I have made several trips to the Greek Northern Sporades, each of which have given me plenty to write about. As time goes on I will add some of these to this blog, but the most recent journey saved a treasure for the last day.
My Passepartout and I had just completed a birthday holiday to Alonnisos and after a fast and furious transfer by water taxi were waiting in Skiathos Town for our flight. As is our habit we ate a light breakfast at the El Greco Taverna. After this we had a few hours to kill and I led us to the Alexandros Papadiamantis monument on a little promontory called Bourtzi.
Bourtzi is a tiny peninsula that divides the Skiathos port into two distinct parts. It used to be a fort, which was built by the Gizi brothers who ruled over Skiathos back in 1207. Bourtzi was bordered by impregnable walls and there were two towers located to the left and right of the main gate. It still divides the old and new ports, but the only signs of a fort are some hefty ramparts and some corroded canons. The centre is dominated by an open-air theatre and arts centre. We walked under the trees in a clockwise direction, eventually scrambling down onto a rough path over the rocks along the water’s edge, circumnavigated the end of the peninsula, then turned back towards the old port.

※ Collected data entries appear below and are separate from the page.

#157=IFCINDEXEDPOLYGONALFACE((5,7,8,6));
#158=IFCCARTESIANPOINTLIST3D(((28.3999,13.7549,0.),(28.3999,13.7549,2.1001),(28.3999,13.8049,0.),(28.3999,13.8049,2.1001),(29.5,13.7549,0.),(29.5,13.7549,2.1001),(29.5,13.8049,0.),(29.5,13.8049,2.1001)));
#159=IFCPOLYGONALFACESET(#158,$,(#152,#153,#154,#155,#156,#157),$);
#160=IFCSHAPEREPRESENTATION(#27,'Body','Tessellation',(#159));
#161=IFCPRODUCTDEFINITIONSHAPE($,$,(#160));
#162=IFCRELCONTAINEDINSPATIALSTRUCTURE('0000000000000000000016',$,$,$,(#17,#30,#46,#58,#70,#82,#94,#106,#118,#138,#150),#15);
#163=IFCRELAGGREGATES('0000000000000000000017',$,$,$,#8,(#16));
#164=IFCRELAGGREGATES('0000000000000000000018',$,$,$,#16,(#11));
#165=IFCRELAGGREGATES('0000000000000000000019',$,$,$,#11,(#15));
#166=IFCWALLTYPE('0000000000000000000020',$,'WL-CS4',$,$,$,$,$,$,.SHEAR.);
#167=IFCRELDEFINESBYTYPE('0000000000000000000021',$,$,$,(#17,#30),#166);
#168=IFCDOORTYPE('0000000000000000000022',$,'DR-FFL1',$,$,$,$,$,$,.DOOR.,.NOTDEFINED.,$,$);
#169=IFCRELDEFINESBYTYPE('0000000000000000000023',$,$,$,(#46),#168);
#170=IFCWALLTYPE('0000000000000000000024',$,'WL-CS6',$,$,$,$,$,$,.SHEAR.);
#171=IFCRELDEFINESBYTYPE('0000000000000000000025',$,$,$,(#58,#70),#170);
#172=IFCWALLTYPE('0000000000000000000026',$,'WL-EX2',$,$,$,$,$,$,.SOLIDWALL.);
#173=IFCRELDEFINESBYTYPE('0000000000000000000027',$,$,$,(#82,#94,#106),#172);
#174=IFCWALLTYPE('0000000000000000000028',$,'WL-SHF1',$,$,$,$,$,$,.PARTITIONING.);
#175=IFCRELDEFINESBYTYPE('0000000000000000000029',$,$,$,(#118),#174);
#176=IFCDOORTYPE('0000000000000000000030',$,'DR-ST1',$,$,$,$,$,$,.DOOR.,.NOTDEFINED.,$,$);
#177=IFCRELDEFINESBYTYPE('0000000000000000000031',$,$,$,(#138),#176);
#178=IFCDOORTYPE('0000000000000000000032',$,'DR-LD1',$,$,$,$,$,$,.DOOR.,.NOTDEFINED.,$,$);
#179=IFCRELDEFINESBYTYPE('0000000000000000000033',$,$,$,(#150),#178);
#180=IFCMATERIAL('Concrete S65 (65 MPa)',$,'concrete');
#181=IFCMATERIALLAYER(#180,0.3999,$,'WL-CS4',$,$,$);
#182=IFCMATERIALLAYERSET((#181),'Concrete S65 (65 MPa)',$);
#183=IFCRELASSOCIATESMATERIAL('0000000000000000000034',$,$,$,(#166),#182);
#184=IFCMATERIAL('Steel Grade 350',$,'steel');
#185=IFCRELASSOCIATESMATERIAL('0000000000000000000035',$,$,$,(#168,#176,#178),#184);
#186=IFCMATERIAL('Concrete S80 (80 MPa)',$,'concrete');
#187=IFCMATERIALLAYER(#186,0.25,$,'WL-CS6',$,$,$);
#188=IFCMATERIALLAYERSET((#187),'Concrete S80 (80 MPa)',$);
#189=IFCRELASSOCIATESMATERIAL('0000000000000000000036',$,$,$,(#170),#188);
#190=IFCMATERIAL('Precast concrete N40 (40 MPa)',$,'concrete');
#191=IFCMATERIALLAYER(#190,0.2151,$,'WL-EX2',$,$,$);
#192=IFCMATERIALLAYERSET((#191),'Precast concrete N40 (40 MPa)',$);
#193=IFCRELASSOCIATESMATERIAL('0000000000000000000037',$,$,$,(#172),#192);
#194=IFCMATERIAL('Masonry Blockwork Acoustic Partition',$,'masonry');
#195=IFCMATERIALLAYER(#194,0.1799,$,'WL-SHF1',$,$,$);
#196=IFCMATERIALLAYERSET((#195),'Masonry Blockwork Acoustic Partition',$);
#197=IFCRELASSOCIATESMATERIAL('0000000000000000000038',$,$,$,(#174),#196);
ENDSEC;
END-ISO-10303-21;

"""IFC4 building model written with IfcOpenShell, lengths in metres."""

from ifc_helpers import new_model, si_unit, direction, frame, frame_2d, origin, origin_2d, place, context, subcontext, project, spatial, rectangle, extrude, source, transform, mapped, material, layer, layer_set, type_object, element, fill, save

On a rock shelf at the base of some steps leading us up to our path, we tarried, watched the sea and took some final pictures. It was here I noticed some German wasps Vespula germanica flying around a dead fish in their purposeful way. At first I thought the poor creature was a garfish with its long mouth snapped off, but now I’ve looked at the photographs it turns out to be a silver eel. The wasps were their purposeful selves and ignored us completely, posing without ire for the attached photograph. They were settling on the eel and delicately carving small slices, before flying away to their nests, to be replaced by a compatriot. Rather than ghoulish, it was a gentle and choreographed dismemberment, set off by the colours of the cast. The wasps were at their best in yellow and black, looking bright as wax in the Greek sunshine. The eel was quite fresh, so its skin still radiated colour, but its still bright eye, blue and clear, gave vibrancy to the scene, notwithstanding the fact it was dead.
We left the wasps to their clearing up and walked up the steps under the trees to sit and watch Skiathos Town. Across the water people were clearing up the remains of their early selling spree in the fish market watched by the local cats, and customers gently sliced their fish lunches in the tavernas. Fishing boats were setting out again past the wasps below. Isn’t life lovely?